The State Museum of History in Stuttgart is broken down into two different museums. The Schloss Museum and the Museum am Lowentor. The Schloss Museum contains nothing but information and models of prehistoric animals. The Museum am Lowentor contains models and information on modern animals.
The Schloss Museum
When we first arrived at the Schloss Museum (name of dino museum) Shaelyn was greeted by three life size outdoor dinosaur models. She was in heaven. I have to admit that they were pretty cool myself.
Shaelyn enjoyed the inside of the dino museum also. Here are some of the pictures we took.
Wooly Mammoth
Real Wooly Mammoth Tusk
Wooly Mammoth Skeleton. It's much larger than it looks. It was so large that we had to be so far away from it for the whole skeleton to fit in the frame that the perspective was lost. I think you guys get the idea of how large it is though.
Prehistoric moose
Deinotherium ("terrible beast"), also called the Hoe tusker,[1] was a gigantic prehistoric relative of modern-day elephants that appeared in the Middle Miocene and continued until the Early Pleistocene. During that time it changed very little. In life it probably resembled modern elephants, except that its trunk was shorter, and it had downward curving tusks attached to the lower jaw.
For the life of me I can't remember what this thing is but is some sort of prehistoric fish. It was the most vicious of sea animals alive at it's time.
Mr. T-Rex please don't eat me!!
Museum am Lowentor
After we had finished visiting the Schloss Museum we ventured across the street to the Lowentor. Well, actually it was on the other side of the train tracks and we had to walk through the train yard. It was a little weird since the brochure stated that you could easily travel from museum to the other. I guess if you consider a 1 mile walk and a venture through the train yard easy then, yes, it was an easy walk from one museum to the other. Enough my frustrating long walk in the rain with a 6 year old.
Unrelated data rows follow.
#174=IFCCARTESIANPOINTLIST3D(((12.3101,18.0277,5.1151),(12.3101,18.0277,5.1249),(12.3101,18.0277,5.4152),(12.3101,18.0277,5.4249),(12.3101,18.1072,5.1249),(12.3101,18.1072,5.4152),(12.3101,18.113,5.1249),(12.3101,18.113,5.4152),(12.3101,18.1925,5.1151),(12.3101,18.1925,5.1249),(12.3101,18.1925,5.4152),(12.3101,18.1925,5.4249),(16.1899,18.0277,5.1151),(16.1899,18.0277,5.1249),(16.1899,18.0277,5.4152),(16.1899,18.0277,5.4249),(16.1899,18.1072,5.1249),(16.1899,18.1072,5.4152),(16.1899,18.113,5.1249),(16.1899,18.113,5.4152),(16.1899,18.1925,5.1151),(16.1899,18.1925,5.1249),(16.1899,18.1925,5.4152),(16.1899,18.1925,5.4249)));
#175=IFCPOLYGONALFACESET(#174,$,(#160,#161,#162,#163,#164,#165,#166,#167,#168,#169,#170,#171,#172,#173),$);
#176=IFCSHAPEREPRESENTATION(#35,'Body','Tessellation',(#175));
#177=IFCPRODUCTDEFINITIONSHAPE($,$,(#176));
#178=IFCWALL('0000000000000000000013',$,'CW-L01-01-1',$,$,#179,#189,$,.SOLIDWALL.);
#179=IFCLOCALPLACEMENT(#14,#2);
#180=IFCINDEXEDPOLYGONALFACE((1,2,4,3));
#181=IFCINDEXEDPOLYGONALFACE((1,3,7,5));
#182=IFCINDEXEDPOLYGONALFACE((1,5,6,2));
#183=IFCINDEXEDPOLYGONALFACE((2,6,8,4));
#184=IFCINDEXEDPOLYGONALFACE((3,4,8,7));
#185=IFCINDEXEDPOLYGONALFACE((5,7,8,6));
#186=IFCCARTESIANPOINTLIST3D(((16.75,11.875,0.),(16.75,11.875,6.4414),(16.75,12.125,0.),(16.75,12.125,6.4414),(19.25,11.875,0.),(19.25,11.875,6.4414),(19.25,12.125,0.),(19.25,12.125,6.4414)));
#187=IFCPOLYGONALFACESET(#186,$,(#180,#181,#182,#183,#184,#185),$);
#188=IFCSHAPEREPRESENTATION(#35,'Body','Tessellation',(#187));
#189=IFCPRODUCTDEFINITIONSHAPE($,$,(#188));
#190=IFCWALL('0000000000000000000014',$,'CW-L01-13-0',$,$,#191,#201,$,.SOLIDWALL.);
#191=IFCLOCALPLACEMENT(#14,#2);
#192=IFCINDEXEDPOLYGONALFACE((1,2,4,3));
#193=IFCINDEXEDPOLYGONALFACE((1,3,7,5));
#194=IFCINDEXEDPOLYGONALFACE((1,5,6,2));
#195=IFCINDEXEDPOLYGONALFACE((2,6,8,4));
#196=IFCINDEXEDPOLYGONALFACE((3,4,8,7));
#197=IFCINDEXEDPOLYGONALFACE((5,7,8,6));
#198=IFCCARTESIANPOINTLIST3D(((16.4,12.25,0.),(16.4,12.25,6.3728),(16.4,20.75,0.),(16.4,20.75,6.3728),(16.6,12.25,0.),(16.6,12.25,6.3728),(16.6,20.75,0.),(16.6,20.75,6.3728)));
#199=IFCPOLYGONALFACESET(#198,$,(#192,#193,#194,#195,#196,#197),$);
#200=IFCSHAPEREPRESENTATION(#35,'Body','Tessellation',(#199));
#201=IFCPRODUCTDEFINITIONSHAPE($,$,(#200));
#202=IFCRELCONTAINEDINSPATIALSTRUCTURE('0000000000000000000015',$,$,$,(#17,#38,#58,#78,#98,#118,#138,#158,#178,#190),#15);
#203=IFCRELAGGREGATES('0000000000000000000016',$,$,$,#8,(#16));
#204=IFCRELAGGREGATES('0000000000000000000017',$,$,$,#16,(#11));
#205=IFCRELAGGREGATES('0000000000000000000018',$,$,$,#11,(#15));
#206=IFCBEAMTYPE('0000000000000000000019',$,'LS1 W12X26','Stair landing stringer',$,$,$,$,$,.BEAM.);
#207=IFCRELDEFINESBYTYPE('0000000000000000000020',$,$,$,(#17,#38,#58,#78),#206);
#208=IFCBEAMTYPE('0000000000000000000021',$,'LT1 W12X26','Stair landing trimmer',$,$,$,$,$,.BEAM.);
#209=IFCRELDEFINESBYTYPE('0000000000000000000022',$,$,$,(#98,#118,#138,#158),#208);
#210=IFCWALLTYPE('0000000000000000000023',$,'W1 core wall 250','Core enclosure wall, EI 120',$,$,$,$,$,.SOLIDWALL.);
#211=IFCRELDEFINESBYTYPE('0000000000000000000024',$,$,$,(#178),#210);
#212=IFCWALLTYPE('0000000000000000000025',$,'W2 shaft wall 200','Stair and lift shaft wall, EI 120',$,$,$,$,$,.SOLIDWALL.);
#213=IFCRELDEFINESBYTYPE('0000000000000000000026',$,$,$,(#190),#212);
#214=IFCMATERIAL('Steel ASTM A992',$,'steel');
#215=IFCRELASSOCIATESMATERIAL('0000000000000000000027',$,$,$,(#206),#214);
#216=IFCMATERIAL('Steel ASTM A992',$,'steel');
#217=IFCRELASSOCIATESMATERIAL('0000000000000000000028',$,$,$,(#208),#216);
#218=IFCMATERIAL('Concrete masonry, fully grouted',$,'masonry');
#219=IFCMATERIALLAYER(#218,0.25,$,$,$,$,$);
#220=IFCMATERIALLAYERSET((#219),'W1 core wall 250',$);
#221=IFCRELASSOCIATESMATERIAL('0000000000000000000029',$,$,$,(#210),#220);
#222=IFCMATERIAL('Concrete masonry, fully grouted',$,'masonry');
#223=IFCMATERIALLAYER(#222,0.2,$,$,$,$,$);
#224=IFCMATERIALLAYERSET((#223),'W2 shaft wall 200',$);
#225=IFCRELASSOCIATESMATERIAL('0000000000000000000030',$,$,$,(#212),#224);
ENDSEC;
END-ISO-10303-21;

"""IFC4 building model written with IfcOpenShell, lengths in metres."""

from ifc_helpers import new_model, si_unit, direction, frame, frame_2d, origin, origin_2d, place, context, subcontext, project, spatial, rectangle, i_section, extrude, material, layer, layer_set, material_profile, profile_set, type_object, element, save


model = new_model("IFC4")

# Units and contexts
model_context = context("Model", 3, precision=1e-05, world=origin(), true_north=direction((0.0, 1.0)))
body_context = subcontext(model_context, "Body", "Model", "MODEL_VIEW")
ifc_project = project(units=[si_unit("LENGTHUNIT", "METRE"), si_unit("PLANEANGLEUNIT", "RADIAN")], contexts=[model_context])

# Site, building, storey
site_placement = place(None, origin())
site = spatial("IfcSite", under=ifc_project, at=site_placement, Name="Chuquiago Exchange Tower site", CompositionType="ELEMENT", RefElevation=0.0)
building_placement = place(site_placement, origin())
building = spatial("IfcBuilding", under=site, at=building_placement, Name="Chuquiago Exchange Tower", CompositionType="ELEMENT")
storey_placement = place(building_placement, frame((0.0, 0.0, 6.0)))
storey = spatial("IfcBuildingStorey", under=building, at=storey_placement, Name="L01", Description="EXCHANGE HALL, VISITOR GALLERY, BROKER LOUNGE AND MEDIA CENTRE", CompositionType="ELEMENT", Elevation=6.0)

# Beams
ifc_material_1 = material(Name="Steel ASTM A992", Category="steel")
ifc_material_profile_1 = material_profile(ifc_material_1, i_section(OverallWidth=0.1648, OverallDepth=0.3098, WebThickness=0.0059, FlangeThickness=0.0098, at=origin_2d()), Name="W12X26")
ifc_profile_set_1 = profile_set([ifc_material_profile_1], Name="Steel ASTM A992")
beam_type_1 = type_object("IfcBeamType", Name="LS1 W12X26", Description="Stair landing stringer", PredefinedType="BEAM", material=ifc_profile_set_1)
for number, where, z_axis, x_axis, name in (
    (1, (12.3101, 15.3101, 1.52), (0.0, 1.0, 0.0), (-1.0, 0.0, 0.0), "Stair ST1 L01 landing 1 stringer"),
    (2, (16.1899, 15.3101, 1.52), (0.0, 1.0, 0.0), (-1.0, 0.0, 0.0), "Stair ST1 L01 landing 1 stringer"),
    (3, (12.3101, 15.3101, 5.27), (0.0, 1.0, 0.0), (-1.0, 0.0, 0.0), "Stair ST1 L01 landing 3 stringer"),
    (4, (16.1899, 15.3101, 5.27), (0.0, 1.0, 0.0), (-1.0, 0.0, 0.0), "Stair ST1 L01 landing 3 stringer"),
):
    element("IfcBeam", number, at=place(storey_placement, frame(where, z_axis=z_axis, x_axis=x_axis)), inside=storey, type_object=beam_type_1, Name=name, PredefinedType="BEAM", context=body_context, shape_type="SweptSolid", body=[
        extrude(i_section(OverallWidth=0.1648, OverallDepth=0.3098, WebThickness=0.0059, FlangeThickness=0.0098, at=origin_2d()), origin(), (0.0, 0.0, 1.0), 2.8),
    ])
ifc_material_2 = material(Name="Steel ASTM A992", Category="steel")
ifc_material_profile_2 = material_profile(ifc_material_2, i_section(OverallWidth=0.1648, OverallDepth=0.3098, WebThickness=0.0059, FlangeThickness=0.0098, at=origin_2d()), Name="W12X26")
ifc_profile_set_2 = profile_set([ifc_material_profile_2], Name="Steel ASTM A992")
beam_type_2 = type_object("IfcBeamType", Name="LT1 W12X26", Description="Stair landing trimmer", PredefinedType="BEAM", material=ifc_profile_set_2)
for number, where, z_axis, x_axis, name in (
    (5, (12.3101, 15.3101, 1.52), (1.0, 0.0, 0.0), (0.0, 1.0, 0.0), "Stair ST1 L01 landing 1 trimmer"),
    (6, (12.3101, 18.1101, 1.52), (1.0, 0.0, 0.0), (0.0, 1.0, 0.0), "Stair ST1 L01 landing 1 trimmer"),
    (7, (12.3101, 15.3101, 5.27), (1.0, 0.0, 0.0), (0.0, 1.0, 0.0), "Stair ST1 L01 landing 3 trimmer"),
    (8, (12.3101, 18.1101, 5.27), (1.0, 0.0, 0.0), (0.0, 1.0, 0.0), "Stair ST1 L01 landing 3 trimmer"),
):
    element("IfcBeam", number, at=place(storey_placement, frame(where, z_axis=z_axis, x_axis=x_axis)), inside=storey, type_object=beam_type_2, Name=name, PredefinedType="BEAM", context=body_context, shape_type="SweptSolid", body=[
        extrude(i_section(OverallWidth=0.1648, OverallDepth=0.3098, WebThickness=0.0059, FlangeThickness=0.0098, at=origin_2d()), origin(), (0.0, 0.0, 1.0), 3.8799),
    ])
I some how ended up with very few pictures of the Lowentor Museum. I could have sworn that I took more pictures. They had some really cool life size models of different parts of the jungle and all kinds of stuffed animals. They also had a a life size model of a blue whale which Shaelyn thought was the coolest thing (she couldn't decide if she liked it or the dinosaur models better).